Given that Malkovich (who lives in Cambridge, Massachusetts, with his partner, Italian scholar Nicoletta Peyran), has not voted since Richard Nixon won the 1972 US election, this view is perhaps not a huge surprise. But for a man who has previously claimed to have “no ideology”, many of his recent projects, The New Pope included, have a thematic timeliness.
He was a divisive Hercule Poirot in 2018’s Brexit-flavoured BBC adaptation of The ABC Murders (“I don’t think there’ll be another but I loved doing it”), his upcoming Netflix comedy series Space Force is influenced by Donald Trump’s plan for an intergalactic branch of the military, and last summer he was in London playing a thinly disguised version of Harvey Weinstein in David Mamet’s Bitter Wheat.

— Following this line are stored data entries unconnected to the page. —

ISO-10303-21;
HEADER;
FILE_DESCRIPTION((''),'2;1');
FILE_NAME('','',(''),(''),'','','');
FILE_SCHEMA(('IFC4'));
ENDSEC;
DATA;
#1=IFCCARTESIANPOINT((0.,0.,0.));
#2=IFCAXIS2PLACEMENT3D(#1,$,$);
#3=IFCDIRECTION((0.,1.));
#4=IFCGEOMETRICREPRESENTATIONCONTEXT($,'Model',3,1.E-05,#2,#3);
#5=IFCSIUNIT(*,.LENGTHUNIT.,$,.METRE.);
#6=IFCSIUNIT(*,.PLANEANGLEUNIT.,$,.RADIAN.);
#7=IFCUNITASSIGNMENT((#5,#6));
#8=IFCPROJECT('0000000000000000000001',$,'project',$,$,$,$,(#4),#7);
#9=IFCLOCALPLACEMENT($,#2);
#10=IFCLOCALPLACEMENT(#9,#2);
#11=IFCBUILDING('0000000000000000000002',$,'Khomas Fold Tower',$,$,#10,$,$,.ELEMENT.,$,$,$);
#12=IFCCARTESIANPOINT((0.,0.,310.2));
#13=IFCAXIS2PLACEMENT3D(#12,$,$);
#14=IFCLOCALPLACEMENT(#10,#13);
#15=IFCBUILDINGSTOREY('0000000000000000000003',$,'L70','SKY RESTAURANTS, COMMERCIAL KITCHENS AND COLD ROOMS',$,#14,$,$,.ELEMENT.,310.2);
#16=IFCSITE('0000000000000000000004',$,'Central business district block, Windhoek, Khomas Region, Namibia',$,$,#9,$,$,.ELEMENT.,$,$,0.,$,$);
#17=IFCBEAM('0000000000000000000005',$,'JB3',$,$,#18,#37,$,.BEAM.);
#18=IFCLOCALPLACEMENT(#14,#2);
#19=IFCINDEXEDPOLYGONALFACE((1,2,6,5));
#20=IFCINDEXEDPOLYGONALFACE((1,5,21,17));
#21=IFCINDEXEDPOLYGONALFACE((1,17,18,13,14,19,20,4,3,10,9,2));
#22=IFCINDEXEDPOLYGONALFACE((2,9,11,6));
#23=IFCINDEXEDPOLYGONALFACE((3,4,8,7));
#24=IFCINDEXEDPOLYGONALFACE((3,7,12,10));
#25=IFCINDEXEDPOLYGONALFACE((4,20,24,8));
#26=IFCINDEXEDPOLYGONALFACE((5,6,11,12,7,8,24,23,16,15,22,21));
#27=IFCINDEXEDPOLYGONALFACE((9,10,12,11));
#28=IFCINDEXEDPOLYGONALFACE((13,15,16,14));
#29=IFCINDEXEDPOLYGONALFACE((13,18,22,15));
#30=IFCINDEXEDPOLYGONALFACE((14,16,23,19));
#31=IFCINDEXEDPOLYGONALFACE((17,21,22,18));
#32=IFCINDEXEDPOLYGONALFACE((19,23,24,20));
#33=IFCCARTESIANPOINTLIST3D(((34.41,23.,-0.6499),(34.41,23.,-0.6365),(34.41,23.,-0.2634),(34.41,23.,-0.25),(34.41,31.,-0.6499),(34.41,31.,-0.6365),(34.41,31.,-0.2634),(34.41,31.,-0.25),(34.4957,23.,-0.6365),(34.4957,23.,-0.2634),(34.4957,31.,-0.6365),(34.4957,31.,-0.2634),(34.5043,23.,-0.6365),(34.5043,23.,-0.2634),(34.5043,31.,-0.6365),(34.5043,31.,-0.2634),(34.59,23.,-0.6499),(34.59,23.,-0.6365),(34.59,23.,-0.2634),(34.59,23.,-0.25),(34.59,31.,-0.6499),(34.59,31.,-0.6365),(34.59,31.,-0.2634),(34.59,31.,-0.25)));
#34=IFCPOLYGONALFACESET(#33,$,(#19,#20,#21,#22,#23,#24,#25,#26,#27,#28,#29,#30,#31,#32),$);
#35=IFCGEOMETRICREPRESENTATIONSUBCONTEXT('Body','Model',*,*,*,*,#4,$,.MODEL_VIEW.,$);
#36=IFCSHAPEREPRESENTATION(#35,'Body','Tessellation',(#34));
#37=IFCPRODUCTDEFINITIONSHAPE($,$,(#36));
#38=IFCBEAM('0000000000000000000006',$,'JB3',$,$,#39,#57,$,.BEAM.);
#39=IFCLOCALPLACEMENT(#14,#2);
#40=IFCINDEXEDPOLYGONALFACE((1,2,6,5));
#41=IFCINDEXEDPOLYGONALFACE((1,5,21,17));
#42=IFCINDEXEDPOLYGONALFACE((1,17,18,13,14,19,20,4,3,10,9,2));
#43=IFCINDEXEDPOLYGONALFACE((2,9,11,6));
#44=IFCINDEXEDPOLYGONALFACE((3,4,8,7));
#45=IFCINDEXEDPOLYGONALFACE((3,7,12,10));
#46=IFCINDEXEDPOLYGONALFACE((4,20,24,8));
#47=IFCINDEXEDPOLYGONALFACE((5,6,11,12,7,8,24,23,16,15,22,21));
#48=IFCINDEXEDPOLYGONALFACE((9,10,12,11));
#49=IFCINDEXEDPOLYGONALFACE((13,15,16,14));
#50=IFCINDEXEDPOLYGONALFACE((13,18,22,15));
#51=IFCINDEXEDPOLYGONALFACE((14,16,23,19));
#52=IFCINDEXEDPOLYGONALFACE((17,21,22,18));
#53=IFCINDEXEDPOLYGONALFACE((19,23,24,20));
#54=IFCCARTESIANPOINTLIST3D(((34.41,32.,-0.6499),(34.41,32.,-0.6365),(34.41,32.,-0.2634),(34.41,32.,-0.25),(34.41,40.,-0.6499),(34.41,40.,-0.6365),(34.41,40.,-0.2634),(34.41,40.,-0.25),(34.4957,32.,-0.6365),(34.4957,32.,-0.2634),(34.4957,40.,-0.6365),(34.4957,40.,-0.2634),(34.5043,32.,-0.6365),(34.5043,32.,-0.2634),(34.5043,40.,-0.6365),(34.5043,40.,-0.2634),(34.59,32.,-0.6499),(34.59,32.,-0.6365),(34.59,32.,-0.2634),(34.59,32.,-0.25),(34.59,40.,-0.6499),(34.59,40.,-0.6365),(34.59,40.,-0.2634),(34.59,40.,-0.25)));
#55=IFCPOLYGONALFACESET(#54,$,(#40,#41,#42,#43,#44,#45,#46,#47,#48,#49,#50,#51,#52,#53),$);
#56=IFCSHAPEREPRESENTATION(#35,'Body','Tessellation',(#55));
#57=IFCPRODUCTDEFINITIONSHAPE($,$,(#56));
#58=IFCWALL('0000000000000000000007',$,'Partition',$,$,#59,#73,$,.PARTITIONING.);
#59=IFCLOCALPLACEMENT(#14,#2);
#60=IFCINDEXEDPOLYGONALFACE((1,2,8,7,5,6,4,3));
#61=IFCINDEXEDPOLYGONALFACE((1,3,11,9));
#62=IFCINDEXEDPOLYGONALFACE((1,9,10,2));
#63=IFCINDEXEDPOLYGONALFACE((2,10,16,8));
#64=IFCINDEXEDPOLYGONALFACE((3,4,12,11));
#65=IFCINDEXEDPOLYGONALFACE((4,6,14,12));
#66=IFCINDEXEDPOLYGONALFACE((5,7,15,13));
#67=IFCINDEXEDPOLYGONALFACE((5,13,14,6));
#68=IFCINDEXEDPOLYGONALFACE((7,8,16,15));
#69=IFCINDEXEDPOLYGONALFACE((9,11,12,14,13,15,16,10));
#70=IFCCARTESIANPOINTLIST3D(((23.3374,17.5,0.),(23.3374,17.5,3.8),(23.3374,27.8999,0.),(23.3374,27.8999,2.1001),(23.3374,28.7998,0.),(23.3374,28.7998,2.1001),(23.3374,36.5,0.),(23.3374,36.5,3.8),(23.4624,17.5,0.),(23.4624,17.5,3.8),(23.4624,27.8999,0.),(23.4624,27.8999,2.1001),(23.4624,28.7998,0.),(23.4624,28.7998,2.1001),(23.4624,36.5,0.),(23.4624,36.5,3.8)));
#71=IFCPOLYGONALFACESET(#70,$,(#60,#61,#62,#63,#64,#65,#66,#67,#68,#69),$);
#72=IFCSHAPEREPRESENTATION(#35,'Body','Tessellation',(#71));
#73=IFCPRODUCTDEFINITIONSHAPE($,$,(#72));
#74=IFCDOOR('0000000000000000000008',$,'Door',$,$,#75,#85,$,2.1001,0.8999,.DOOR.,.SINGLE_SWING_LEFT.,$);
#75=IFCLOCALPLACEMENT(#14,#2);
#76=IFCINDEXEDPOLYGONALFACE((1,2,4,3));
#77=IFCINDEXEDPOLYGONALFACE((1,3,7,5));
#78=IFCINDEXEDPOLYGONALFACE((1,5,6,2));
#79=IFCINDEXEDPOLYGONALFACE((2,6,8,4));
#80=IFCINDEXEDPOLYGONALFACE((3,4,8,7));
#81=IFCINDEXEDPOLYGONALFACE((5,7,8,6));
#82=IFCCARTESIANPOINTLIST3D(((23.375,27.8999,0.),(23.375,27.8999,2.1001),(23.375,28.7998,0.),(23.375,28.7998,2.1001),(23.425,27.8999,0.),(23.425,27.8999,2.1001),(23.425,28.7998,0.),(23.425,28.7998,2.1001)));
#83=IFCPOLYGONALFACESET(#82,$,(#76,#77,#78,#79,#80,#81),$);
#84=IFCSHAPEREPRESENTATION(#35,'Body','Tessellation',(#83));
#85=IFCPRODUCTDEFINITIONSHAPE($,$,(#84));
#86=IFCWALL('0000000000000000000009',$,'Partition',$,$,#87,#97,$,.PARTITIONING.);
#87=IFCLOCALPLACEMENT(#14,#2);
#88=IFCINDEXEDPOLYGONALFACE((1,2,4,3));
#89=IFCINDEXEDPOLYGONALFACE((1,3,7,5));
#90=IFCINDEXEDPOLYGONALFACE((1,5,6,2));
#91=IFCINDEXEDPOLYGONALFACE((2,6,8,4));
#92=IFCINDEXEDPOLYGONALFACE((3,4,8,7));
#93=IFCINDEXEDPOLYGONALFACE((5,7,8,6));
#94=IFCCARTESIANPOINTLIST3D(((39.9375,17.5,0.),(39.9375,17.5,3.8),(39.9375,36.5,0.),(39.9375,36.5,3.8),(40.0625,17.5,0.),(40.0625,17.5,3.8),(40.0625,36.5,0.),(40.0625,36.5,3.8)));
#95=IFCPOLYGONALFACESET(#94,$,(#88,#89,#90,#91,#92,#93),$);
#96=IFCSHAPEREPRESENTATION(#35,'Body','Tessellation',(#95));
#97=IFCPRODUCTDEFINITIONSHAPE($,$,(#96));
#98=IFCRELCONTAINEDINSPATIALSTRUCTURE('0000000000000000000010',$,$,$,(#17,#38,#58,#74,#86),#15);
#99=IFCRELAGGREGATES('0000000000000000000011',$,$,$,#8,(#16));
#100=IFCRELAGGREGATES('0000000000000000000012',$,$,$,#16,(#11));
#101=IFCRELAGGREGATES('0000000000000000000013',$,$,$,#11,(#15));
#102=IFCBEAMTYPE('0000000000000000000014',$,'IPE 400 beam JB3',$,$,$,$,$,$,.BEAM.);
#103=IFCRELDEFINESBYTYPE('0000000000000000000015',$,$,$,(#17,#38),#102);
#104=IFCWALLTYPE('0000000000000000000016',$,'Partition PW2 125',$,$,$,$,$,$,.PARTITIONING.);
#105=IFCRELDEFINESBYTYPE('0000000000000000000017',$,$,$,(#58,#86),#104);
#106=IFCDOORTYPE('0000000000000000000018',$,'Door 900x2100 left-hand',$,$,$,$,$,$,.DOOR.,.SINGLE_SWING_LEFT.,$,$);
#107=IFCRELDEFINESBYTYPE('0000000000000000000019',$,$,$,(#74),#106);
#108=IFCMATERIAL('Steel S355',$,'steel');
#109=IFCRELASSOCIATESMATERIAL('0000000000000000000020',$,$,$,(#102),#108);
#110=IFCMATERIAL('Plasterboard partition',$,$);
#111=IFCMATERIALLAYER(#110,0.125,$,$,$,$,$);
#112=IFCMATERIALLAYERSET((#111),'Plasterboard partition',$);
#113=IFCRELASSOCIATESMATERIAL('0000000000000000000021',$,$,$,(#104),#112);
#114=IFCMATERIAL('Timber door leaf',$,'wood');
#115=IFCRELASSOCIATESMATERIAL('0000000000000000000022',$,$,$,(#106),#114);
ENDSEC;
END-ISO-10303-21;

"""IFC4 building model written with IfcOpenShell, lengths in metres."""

from ifc_helpers import new_model, si_unit, direction, frame, frame_2d, origin, origin_2d, place, context, subcontext, project, spatial, rectangle, i_section, extrude, source, transform, mapped, material, layer, layer_set, material_profile, profile_set, type_object, element, fill, save


model = new_model("IFC4")

# Units and contexts
model_context = context("Model", 3, precision=1e-05, world=origin(), true_north=direction((0.0, 1.0)))
body_context = subcontext(model_context, "Body", "Model", "MODEL_VIEW")
ifc_project = project(units=[si_unit("LENGTHUNIT", "METRE"), si_unit("PLANEANGLEUNIT", "RADIAN")], contexts=[model_context])

# Site, building, storey
site_placement = place(None, origin())
site = spatial("IfcSite", under=ifc_project, at=site_placement, Name="Central business district block, Windhoek, Khomas Region, Namibia", CompositionType="ELEMENT", RefElevation=0.0)
building_placement = place(site_placement, origin())
building = spatial("IfcBuilding", under=site, at=building_placement, Name="Khomas Fold Tower", CompositionType="ELEMENT")
storey_placement = place(building_placement, frame((0.0, 0.0, 310.2)))
storey = spatial("IfcBuildingStorey", under=building, at=storey_placement, Name="L70", Description="SKY RESTAURANTS, COMMERCIAL KITCHENS AND COLD ROOMS", CompositionType="ELEMENT", Elevation=310.2)

# Beams
ifc_material_1 = material(Name="Steel S355", Category="steel")
ifc_material_profile_1 = material_profile(ifc_material_1, i_section(OverallWidth=0.1799, OverallDepth=0.3999, WebThickness=0.0085, FlangeThickness=0.0134, at=origin_2d()), Name="IPE 400")
ifc_profile_set_1 = profile_set([ifc_material_profile_1], Name="Steel S355")
beam_type_1 = type_object("IfcBeamType", Name="IPE 400 beam JB3", PredefinedType="BEAM", material=ifc_profile_set_1)
shared_shape_1 = source(origin(), body_context, "Body", "SweptSolid", [
    extrude(i_section(OverallWidth=0.1799, OverallDepth=0.3999, WebThickness=0.0085, FlangeThickness=0.0134, at=origin_2d()), origin(), (0.0, 0.0, 1.0), 8.0),
])
for number, where, z_axis, x_axis, name in (
    (1, (34.5, 23.0, -0.45), (0.0, 1.0, 0.0), (-1.0, 0.0, 0.0), "JB3"),
    (2, (34.5, 32.0, -0.45), (0.0, 1.0, 0.0), (-1.0, 0.0, 0.0), "JB3"),
):
    element("IfcBeam", number, at=place(storey_placement, frame(where, z_axis=z_axis, x_axis=x_axis)), inside=storey, type_object=beam_type_1, Name=name, PredefinedType="BEAM", context=body_context, shape_type="MappedRepresentation", body=[
        mapped(shared_shape_1, transform((0.0, 0.0, 0.0))),
    ])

The production, unsurprisingly, drew international interest and more than a few bewildered, fairly scathing reviews (this paper described it as having “the rancid smell of clickbait”). Did Malkovich, who notes he met Weinstein “several times in Cannes” but “knew nothing about his personal life”, expect it to be so polarising? “It’s an issue which obviously has affected a lot of women,” he says, after an especially lengthy pause. “It’s very emotional, very upsetting and it should never be the case at any time in work, that somebody’s [career] is dependent on their dispensing sexual favours. It’s insane.”

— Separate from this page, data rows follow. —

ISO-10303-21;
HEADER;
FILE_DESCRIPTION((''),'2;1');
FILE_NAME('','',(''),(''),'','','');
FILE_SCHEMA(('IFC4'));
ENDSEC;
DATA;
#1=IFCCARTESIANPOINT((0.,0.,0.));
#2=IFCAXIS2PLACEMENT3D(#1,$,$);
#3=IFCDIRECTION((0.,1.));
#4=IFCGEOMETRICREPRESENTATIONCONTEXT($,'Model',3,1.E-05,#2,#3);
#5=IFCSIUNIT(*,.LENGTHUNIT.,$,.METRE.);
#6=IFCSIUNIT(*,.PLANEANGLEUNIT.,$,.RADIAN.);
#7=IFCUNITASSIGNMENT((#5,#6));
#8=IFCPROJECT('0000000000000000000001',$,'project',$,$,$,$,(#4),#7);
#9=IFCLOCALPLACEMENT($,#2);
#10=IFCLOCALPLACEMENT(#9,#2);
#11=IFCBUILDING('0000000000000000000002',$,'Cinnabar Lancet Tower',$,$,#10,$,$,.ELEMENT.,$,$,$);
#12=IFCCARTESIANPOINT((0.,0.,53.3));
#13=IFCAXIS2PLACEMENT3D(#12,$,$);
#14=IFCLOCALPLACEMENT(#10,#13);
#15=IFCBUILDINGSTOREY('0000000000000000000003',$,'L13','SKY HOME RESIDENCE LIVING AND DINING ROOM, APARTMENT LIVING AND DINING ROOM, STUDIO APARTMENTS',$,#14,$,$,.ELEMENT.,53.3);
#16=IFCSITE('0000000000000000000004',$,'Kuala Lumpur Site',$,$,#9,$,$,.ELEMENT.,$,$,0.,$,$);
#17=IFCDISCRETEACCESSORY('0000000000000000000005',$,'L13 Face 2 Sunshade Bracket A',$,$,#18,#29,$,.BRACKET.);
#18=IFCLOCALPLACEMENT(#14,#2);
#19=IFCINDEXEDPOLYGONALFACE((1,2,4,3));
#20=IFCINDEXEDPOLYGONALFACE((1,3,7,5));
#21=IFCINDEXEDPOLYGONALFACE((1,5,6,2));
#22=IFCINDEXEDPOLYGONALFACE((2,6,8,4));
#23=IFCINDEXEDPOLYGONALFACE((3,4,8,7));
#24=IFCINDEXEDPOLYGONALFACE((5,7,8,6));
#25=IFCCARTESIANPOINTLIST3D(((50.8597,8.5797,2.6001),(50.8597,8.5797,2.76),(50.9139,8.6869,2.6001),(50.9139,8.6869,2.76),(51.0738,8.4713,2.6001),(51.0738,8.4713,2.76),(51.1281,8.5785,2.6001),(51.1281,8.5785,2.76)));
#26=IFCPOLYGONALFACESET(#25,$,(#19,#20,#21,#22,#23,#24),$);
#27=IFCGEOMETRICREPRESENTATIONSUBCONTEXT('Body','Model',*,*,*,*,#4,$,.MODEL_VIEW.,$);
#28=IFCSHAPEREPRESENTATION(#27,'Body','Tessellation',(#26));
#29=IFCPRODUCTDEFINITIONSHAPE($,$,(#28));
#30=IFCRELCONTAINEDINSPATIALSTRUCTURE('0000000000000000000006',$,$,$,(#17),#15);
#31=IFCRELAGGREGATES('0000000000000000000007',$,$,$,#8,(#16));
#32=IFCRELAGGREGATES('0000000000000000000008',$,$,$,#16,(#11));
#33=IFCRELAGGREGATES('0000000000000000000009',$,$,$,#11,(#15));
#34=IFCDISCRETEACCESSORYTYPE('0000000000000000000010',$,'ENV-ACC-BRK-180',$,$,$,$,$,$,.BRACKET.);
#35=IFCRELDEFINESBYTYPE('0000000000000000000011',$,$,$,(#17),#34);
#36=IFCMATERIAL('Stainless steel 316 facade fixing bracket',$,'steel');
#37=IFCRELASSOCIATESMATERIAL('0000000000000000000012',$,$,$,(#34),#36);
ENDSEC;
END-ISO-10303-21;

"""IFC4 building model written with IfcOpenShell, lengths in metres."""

from ifc_helpers import new_model, si_unit, direction, frame, origin, origin_2d, place, context, subcontext, project, spatial, rectangle, extrude, material, type_object, element, save


model = new_model("IFC4")

# Units and contexts
model_context = context("Model", 3, precision=1e-05, world=origin(), true_north=direction((0.0, 1.0)))
body_context = subcontext(model_context, "Body", "Model", "MODEL_VIEW")
ifc_project = project(units=[si_unit("LENGTHUNIT", "METRE"), si_unit("PLANEANGLEUNIT", "RADIAN")], contexts=[model_context])

# Site, building, storey
site_placement = place(None, origin())
site = spatial("IfcSite", under=ifc_project, at=site_placement, Name="Kuala Lumpur Site", CompositionType="ELEMENT", RefElevation=0.0)
building_placement = place(site_placement, origin())
building = spatial("IfcBuilding", under=site, at=building_placement, Name="Cinnabar Lancet Tower", CompositionType="ELEMENT")
storey_placement = place(building_placement, frame((0.0, 0.0, 53.3)))
storey = spatial("IfcBuildingStorey", under=building, at=storey_placement, Name="L13", Description="SKY HOME RESIDENCE LIVING AND DINING ROOM, APARTMENT LIVING AND DINING ROOM, STUDIO APARTMENTS", CompositionType="ELEMENT", Elevation=53.3)

# Discrete accessory
ifc_material_1 = material(Name="Stainless steel 316 facade fixing bracket", Category="steel")
discrete_accessory_type = type_object("IfcDiscreteAccessoryType", Name="ENV-ACC-BRK-180", PredefinedType="BRACKET", material=ifc_material_1)
discrete_accessory_placement = place(storey_placement, frame((50.9939, 8.5791, 2.6001), z_axis=(0.0, 0.0, 1.0), x_axis=(0.451501, 0.892271, 0.0)))
element("IfcDiscreteAccessory", 1, at=discrete_accessory_placement, inside=storey, type_object=discrete_accessory_type, Name="L13 Face 2 Sunshade Bracket A", PredefinedType="BRACKET", context=body_context, shape_type="SweptSolid", body=[
    extrude(rectangle(XDim=0.1201, YDim=0.24, at=origin_2d()), origin(), (0.0, 0.0, 1.0), 0.1599),
])

save(model, "model.ifc")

He pauses again. “But a woman I know came to see the play and had an interesting thing to say about it. She said, ‘In a PC culture, you can no longer laugh about serious things.’ I think that’s pretty accurate and I think it’s unfortunate. I think some people disliked it as an idea. And of course people loved that it was quite often, apparently, badly reviewed.”
He has, he says, “no regrets whatsoever” about taking the role. And, asked how he thinks the #MeToo movement has altered the atmosphere on film and TV sets, he shrewdly observes that his is not the correct perspective. “You’d have to ask women,” he says, as a publicist’s knock at the door signals the end of our allotted time. “I hope that it’s better [but] it was not the kind of thing that I did really. It’s so related to power which is not really my thing.”

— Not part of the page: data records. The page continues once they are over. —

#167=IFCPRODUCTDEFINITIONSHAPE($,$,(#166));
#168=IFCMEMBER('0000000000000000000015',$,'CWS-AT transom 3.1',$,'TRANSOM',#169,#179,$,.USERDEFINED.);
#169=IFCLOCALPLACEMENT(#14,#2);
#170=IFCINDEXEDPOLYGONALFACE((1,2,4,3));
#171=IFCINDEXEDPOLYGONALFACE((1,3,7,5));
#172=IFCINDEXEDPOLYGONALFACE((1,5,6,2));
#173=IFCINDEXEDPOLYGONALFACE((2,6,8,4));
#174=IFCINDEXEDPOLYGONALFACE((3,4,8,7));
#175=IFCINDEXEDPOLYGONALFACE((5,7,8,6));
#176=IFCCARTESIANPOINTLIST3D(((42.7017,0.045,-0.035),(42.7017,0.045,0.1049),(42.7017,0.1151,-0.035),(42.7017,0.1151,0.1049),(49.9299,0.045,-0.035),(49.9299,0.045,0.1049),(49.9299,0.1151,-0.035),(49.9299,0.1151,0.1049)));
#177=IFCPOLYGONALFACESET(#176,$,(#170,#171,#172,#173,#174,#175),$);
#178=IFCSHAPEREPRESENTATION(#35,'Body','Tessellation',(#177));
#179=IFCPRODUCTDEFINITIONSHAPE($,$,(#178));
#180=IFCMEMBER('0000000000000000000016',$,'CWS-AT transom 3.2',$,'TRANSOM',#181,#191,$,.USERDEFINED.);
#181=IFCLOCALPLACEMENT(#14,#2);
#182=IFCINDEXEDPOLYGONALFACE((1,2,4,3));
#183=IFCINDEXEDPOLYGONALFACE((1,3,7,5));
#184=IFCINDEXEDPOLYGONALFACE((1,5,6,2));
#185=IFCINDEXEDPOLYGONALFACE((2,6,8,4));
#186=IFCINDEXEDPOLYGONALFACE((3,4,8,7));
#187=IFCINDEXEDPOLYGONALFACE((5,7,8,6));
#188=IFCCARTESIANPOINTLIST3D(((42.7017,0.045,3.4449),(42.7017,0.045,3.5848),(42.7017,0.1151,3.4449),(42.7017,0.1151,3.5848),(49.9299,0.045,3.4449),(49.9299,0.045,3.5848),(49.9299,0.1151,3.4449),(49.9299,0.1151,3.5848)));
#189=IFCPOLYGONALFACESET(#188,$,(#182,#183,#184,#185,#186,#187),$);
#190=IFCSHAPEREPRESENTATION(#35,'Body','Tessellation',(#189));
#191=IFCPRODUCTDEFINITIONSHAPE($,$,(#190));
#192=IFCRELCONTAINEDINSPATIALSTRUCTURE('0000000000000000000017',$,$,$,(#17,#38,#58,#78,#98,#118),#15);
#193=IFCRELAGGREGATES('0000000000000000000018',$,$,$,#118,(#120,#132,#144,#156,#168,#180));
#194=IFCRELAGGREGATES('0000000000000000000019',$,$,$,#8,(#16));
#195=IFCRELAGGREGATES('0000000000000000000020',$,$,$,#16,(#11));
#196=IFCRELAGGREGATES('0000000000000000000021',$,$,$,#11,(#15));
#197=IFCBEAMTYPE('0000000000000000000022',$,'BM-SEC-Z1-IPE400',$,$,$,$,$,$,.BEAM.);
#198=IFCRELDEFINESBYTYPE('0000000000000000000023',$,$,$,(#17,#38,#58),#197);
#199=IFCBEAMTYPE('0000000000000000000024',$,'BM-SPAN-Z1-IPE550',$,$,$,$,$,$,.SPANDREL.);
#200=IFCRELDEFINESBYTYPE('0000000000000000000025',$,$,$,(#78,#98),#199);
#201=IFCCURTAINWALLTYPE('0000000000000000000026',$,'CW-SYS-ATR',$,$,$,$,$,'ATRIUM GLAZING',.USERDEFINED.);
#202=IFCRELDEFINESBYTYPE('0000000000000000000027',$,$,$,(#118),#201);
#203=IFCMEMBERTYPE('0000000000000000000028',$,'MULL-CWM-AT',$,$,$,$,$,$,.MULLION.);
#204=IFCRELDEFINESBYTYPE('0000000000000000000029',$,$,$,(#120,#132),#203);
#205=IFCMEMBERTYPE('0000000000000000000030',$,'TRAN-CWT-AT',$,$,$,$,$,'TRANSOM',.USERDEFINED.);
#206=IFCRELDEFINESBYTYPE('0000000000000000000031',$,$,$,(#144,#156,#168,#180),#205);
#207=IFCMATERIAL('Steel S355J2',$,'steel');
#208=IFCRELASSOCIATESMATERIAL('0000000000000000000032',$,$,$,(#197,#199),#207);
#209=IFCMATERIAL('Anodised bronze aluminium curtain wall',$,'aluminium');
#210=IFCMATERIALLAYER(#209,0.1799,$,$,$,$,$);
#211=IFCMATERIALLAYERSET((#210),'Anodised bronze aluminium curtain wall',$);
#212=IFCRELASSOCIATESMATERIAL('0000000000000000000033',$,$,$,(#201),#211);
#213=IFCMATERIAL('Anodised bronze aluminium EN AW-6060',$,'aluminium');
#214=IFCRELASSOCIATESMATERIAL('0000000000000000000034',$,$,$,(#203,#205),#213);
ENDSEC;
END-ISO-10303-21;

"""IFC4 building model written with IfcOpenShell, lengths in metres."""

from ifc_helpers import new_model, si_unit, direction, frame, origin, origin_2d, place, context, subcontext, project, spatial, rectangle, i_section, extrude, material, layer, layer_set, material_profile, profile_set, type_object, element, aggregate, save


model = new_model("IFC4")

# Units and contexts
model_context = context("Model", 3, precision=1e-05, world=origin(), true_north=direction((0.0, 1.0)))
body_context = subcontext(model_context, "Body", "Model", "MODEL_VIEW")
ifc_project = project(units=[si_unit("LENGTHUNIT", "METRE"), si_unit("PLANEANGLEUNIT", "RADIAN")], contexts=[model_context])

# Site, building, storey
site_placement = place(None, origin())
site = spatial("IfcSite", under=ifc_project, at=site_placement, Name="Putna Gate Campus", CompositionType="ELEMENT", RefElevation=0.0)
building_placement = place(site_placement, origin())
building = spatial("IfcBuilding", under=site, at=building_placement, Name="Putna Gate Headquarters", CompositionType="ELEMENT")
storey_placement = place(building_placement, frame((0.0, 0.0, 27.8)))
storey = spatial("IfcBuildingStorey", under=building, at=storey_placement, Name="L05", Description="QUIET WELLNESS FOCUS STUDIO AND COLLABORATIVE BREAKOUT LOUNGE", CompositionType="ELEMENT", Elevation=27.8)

This last point seems central to Malkovich’s enduring appeal; though his characters often have a Machiavellian streak he is, in real life, a man mostly immune to status; a generous, workaholic, double Oscar nominee with a Zen-like calm who has been known to practise embroidery between takes.
After a final discussion about how The New Pope may be received by the Vatican (“I would imagine Jude Law playing the Pope would have made it well-watched in certain circles,” he says, with another wry smile) he is up, whispering a farewell and ready for an audience with another journalist; humble, strange and, yes, perhaps more than a little bit papal.